Il faut rappeler que cette exposition résulte d’une collaboration efficace entre diverses collectivités ; d’abord montée au musée Maurice et Eugénie de Guérin du Cayla, par la conservation départementale des musées du Tarn, avec la participation de la commune de Blaye-les-Mines et un soutien financier de la DRAC, la voici maintenant présentée à Muret. Elle s’enrichit, à cette occasion, de quatre esquisses offertes à la ville de Muret par la veuve de Joseph-Bernard Artigue et conservées au musée Clément Ader de Muret.
L’intérêt documentaire de cette exposition, ses qualités esthétiques évidentes, les partenariats qui l’ont rendue possible, tout cela n’illustre-t-il pas la célèbre remarque d’un ethnologue portugais qui disait – je le cite – « …l’universel, c’est le local sans les murs » ?
Je ne saurais conclure sans rappeler que la ville qui accueille cette exposition a déjà à son actif quelques réalisations culturelles de grande qualité. Je songe à la très belle salle de spectacle, récemment construite avec le soutien de l’État, de la région et du département – une vraie réussite architecturale et scénographique, et un bel outil au service prioritairement du jeune public.
J’évoque aussi les rencontres cinématographiques de Muret, remarquable collaboration entre le cinéma de Muret, la cinémathèque de Toulouse et la centrale de détention de Muret, saluée par les plus grands noms du cinéma français. Ici encore, voilà un beau séjour de réflexion sur les possibilités de coopération culturelle entre l’État, la métropole régionale, une ville moyenne telle que Muret.

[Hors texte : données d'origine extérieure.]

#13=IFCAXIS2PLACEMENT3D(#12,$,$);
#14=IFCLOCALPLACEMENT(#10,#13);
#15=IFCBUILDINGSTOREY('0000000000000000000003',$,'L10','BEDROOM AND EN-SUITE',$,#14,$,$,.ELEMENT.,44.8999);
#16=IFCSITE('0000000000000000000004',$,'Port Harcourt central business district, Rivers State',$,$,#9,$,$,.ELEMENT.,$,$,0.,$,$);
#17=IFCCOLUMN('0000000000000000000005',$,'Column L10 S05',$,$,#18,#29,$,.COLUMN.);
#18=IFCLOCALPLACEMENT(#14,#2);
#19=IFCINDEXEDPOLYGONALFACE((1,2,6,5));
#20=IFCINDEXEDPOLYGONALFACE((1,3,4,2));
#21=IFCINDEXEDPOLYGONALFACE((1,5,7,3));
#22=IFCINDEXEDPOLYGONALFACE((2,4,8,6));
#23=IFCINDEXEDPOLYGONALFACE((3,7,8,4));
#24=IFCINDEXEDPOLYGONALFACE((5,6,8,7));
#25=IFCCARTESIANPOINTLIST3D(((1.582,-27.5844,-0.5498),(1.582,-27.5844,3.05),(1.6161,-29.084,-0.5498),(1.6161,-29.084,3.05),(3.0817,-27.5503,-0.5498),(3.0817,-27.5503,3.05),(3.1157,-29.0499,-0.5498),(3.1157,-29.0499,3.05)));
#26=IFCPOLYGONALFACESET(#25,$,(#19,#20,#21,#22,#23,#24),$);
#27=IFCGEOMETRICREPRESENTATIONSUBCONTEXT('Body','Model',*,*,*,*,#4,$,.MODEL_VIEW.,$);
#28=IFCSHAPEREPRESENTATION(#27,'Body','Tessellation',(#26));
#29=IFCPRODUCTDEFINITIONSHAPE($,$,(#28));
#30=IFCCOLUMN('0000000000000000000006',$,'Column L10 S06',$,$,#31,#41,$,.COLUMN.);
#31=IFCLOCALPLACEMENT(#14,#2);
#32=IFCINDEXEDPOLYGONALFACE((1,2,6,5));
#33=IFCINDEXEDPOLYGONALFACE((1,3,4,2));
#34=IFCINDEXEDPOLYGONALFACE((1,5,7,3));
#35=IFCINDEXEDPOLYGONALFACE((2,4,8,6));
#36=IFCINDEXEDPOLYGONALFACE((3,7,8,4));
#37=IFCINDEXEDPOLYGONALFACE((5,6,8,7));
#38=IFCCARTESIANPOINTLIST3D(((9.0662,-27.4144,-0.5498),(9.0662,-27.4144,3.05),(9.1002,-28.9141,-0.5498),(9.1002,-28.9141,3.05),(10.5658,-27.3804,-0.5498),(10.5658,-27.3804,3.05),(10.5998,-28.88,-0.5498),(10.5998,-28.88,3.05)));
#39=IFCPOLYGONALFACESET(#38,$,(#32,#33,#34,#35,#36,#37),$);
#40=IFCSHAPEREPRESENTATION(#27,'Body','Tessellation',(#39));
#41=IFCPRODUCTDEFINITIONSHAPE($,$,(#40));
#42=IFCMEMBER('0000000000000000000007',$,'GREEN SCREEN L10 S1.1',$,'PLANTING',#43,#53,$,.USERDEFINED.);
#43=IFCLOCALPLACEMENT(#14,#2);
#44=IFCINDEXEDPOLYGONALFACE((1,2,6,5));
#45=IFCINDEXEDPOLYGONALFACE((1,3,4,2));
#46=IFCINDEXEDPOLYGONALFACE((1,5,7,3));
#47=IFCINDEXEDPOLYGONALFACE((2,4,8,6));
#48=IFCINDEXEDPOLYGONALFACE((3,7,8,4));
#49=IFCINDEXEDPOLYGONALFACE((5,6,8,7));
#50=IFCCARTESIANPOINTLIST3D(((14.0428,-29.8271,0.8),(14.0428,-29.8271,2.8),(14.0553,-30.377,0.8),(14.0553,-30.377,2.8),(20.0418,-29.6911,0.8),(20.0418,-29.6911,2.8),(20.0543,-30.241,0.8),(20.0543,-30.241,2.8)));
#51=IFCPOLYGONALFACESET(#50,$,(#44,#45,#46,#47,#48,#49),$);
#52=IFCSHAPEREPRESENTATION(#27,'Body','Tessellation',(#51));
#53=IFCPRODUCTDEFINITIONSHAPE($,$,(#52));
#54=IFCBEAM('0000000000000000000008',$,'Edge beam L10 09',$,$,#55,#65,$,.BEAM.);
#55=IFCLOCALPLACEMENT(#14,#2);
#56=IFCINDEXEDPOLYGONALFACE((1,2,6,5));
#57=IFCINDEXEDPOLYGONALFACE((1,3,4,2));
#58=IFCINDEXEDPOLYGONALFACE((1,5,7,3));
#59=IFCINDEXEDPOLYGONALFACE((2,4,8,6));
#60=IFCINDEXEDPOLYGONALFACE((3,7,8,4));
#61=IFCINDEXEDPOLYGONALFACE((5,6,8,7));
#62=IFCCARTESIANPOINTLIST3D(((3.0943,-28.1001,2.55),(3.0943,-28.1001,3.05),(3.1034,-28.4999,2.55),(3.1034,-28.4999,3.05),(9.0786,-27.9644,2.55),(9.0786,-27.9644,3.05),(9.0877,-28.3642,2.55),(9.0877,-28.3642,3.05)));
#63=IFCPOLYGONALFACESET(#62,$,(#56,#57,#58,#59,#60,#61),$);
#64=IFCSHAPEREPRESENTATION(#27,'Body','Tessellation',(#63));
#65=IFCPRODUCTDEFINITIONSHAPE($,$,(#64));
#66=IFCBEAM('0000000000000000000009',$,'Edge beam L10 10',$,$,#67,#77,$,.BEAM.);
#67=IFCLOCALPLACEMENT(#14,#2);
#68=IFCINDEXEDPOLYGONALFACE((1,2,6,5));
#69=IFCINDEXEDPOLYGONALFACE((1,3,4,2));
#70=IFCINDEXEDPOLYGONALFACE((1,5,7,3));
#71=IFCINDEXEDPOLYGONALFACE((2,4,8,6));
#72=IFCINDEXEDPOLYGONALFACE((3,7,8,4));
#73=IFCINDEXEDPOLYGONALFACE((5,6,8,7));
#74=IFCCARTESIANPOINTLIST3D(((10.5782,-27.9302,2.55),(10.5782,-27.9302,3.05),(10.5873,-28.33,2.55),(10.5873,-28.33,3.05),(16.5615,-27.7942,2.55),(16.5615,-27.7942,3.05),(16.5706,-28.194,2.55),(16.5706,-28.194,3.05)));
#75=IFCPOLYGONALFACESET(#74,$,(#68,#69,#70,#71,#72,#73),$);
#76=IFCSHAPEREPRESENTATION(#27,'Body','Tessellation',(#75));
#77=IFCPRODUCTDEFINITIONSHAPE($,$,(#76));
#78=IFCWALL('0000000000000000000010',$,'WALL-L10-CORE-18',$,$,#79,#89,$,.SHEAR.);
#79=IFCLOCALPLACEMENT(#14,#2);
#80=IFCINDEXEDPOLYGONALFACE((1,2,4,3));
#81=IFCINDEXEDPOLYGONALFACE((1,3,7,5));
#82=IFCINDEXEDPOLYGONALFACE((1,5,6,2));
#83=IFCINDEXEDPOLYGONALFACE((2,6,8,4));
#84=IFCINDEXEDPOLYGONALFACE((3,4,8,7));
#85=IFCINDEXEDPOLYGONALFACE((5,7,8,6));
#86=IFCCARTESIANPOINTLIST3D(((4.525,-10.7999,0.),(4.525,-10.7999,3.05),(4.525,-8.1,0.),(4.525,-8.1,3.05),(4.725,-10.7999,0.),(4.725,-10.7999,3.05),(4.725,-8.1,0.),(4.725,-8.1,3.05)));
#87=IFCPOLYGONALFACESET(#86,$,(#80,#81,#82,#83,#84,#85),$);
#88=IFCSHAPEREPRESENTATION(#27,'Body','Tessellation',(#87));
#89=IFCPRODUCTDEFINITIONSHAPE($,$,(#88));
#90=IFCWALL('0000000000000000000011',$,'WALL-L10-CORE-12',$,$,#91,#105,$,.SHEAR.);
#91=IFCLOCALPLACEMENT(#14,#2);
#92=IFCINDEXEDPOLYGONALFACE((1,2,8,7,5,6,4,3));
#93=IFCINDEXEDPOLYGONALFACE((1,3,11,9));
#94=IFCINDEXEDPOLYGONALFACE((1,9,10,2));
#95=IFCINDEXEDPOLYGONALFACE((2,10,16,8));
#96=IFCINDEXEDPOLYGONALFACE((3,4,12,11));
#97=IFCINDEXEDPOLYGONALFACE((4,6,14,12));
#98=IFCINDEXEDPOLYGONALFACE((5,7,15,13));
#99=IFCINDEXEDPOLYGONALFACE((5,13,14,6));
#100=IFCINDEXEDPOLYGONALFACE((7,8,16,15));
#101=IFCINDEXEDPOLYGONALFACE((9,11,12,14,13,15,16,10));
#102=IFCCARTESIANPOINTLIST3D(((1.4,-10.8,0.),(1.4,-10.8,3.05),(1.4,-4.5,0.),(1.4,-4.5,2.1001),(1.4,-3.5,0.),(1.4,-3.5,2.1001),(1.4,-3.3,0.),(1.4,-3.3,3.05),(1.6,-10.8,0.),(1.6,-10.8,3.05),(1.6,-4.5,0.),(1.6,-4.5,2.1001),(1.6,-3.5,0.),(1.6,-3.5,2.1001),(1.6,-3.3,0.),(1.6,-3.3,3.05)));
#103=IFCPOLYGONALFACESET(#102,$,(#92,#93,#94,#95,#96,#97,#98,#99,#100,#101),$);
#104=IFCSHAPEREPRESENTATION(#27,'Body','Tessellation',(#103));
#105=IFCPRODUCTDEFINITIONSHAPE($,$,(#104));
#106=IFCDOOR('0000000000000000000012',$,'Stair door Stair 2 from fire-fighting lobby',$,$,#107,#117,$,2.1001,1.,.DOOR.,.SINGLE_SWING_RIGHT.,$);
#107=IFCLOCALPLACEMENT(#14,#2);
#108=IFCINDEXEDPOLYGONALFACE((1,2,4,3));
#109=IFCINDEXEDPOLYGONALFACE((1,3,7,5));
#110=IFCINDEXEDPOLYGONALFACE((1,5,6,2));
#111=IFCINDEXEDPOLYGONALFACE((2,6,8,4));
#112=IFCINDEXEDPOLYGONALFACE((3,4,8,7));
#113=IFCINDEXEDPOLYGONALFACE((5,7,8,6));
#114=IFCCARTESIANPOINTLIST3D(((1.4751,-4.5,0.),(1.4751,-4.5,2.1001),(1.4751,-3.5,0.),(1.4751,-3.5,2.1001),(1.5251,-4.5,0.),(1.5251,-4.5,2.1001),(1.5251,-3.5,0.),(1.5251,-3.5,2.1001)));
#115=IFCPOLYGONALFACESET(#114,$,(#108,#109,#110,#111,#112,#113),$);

Je sais, Monsieur le Maire, tout l’intérêt que vous portez au développement culturel de votre commune ; je connais la grande compétence de Roger Jeanmarie, votre adjoint à la culture ; je sais aussi que vous avez des projets autour de la bibliothèque, du musée Clément Ader ou de l’école de musique, de danse et d’art dramatique.
Parce que le ministère de la Culture a fait, de l’aménagement culturel du territoire, une de ses priorités, parce que la ville de Muret a fait la preuve qu’elle sait nouer, avec les autres collectivités territoriales, les relations de partenariat que sa situation géographique rend indispensables, je n’imagine pas un instant que, le moment venu, ces projets puissent nous laisser indifférents. C’est bien cela qui nous réunit, ici et maintenant.